March is National Nutrition Month!  Today we’re talking about some simple ways to eat healthy when you are away from your kitchen.  AUI provides many resources to clients such as this fun article.  If you would like to learn more about what we do, please contact us.

Though it may seem like an impossible feat, you can still maintain your diet while enjoying a meal out with friends and family.  Furthermore, it can still be an enjoyable experience.  Since restaurants (especially fast food chains) tend to serve meals with more fat, salt and sugar than a meal prepared at home, it is important to understand what foods to avoid and which ones to select from the menu.

Foods to Avoid

There are many foods full of excess fat and calories that can destroy your healthy diet. Steer clear of these foods while dining out:

  • Condiments such as salad dressings, cheese sauces, tartar sauce, gravy and guacamole
  • Butter and cheese
  • Fried foods such as chicken or French fries
  • Beverages such as regular soda, whole milk and various alcoholic drinks

Foods to Try

To make healthier decisions while out enjoying a meal, try some of these foods to keep your diet on track and your waistline thin:

  • Soups made with juices and broth versus cream
  • Raw vegetables without a marinade
  • Fresh fruit
  • Steamed seafood
  • Poached or boiled eggs
  • Salads with low-calorie or fat-free dressing on the side
  • Whole-grain breads and crackers
  • Baked, boiled and steamed potatoes without sour cream, butter or cheese on top
  • Roasted, baked, broiled and grilled meats and poultry
  • Diet soda, low-fat or non-fat milk, or water
  • Yogurt
  • Whole wheat tortillas

General Suggestions

In addition to opting for healthier foods, there are many other things you can do as a restaurant patron to make your dining experience less fattening. First, order your food to go. Research suggests that Americans eat less at home on their own plates than they do in a restaurant. Plus, you can prepare a healthy side dish to accompany the meal you purchased from the restaurant.

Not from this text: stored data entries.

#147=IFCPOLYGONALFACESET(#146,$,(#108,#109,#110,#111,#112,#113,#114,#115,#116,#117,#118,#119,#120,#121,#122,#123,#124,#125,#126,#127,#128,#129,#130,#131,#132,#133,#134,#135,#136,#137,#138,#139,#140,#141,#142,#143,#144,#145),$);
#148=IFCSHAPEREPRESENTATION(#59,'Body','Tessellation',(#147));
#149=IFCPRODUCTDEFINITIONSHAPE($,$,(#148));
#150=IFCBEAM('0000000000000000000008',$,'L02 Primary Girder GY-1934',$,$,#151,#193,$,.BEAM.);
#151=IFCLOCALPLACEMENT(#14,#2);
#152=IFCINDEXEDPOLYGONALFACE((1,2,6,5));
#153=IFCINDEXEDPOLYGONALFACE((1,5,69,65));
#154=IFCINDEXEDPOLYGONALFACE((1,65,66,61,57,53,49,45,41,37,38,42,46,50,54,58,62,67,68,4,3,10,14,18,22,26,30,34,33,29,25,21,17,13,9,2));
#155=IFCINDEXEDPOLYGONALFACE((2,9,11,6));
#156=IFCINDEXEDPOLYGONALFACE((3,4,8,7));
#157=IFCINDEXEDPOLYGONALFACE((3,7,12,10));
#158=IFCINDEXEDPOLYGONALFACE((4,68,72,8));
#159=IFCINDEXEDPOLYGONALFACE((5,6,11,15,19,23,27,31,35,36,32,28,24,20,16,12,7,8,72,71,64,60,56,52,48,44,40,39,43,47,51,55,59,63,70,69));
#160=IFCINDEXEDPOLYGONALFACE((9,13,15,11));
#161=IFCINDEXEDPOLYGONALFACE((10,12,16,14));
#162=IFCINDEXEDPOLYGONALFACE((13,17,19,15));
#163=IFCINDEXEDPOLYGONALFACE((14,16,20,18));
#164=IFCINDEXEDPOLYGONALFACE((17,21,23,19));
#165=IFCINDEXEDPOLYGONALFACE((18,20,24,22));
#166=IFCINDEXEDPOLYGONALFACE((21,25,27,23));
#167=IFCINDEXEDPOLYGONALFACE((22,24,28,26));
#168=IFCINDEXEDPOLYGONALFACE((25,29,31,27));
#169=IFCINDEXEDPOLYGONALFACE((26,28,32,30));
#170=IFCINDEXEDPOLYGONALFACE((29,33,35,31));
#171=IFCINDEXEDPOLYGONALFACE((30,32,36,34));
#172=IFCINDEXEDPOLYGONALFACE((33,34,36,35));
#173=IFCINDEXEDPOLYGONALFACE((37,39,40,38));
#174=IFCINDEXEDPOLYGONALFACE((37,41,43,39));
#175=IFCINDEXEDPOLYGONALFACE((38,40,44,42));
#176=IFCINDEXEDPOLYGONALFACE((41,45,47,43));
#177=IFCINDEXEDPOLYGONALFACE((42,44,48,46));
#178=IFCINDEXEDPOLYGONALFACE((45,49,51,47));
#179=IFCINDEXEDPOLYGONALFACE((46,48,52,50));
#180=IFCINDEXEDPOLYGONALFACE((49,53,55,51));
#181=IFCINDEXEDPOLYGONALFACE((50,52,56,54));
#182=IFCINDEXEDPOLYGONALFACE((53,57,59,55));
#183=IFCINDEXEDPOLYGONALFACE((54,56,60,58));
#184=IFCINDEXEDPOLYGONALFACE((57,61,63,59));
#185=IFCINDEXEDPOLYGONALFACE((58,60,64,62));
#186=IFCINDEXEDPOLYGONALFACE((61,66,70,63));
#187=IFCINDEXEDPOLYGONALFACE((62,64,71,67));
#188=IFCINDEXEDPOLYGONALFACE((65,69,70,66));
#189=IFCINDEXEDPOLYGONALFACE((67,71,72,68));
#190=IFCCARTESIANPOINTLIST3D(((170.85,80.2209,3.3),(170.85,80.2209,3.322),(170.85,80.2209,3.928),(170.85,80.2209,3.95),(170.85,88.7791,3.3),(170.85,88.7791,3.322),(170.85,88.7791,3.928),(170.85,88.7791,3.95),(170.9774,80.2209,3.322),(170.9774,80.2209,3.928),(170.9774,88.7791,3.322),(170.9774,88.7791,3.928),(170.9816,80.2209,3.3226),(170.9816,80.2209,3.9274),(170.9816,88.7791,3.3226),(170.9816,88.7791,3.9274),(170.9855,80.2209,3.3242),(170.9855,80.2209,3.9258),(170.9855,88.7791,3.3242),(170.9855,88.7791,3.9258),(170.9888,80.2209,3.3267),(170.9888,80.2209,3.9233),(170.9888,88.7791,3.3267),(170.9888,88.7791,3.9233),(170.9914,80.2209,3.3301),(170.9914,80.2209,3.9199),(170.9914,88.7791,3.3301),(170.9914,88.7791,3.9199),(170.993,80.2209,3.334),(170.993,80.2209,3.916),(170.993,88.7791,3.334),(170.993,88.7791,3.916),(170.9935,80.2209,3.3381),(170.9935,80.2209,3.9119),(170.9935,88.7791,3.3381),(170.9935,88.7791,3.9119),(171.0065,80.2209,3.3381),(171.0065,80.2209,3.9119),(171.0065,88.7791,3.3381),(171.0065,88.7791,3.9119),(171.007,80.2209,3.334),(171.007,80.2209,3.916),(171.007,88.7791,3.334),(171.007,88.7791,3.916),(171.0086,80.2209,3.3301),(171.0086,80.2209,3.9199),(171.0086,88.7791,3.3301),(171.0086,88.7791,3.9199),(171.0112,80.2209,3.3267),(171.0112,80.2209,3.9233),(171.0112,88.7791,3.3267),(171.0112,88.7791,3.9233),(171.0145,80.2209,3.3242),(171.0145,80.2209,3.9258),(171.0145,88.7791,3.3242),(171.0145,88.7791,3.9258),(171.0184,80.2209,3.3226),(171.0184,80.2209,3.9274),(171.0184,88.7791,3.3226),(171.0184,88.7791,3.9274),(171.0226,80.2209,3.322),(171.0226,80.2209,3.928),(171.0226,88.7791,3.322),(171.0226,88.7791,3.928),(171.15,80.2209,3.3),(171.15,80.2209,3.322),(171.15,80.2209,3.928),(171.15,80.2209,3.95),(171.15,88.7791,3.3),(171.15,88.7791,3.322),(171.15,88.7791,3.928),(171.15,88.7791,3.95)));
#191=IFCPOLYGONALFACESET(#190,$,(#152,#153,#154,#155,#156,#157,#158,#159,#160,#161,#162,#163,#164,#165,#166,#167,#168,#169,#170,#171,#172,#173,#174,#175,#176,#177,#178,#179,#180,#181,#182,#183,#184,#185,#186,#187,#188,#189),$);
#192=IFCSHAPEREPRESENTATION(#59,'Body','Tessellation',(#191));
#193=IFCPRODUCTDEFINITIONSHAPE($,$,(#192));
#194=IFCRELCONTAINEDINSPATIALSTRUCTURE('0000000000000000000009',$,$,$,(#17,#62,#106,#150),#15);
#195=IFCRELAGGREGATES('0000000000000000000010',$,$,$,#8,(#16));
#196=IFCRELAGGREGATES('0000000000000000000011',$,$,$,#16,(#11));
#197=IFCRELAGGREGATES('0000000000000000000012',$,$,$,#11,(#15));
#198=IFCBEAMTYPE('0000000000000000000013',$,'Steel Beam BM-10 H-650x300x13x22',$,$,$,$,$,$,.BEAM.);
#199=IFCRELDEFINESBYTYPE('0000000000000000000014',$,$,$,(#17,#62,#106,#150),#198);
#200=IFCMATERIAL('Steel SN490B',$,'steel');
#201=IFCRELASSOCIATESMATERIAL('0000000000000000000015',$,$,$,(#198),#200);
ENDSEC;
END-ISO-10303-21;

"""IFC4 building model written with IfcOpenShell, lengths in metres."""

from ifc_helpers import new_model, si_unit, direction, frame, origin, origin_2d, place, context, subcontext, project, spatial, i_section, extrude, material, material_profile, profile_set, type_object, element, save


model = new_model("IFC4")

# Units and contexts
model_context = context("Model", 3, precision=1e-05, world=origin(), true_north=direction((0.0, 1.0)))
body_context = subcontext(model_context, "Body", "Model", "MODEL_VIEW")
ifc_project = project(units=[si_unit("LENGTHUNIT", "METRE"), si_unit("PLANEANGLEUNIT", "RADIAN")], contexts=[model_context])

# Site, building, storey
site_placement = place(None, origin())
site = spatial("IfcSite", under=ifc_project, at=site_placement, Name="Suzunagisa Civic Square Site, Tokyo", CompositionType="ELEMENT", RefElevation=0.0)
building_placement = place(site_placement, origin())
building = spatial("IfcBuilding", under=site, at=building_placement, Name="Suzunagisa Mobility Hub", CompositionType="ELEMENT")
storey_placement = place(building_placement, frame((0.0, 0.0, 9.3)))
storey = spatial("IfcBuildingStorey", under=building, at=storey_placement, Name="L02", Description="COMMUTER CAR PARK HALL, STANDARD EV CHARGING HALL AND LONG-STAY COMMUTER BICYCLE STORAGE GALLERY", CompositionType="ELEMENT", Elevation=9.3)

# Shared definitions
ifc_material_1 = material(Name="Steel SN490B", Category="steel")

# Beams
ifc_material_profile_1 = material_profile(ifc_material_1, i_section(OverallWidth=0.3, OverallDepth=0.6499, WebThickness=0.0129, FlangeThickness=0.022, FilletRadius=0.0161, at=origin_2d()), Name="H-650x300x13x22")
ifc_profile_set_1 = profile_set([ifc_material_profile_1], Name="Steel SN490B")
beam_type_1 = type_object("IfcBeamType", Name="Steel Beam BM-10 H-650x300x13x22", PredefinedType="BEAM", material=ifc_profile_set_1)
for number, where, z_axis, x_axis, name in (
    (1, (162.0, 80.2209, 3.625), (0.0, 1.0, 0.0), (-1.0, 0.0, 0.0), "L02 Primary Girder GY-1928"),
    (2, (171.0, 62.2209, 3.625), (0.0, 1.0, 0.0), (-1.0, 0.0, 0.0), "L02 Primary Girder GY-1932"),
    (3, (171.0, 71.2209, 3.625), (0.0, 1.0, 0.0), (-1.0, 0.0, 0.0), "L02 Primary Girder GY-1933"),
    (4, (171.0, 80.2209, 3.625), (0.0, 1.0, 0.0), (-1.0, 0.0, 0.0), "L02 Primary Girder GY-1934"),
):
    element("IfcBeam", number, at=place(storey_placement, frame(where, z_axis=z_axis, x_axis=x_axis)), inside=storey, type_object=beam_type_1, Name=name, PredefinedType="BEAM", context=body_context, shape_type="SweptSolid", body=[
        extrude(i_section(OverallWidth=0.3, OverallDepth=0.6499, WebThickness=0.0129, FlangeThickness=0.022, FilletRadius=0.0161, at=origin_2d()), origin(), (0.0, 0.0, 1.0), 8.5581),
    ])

Also, avoid buffets whenever possible. They promote over-eating with so many choices and the option to return for seconds and thirds.

In addition, remember that you have the option to special order your meal. Ask the wait staff if the chef can prepare your vegetables with olive oil as opposed to butter, or bake your chicken breast instead of frying it.

Finally, one of the most important proactive approaches to healthy eating you can do is to watch your portion sizes. Restaurant portions are typically double what you would normally eat at home. Either request a smaller portion of the desired meal or ask the wait staff to wrap up half the meal right away and take it home to eat the next day.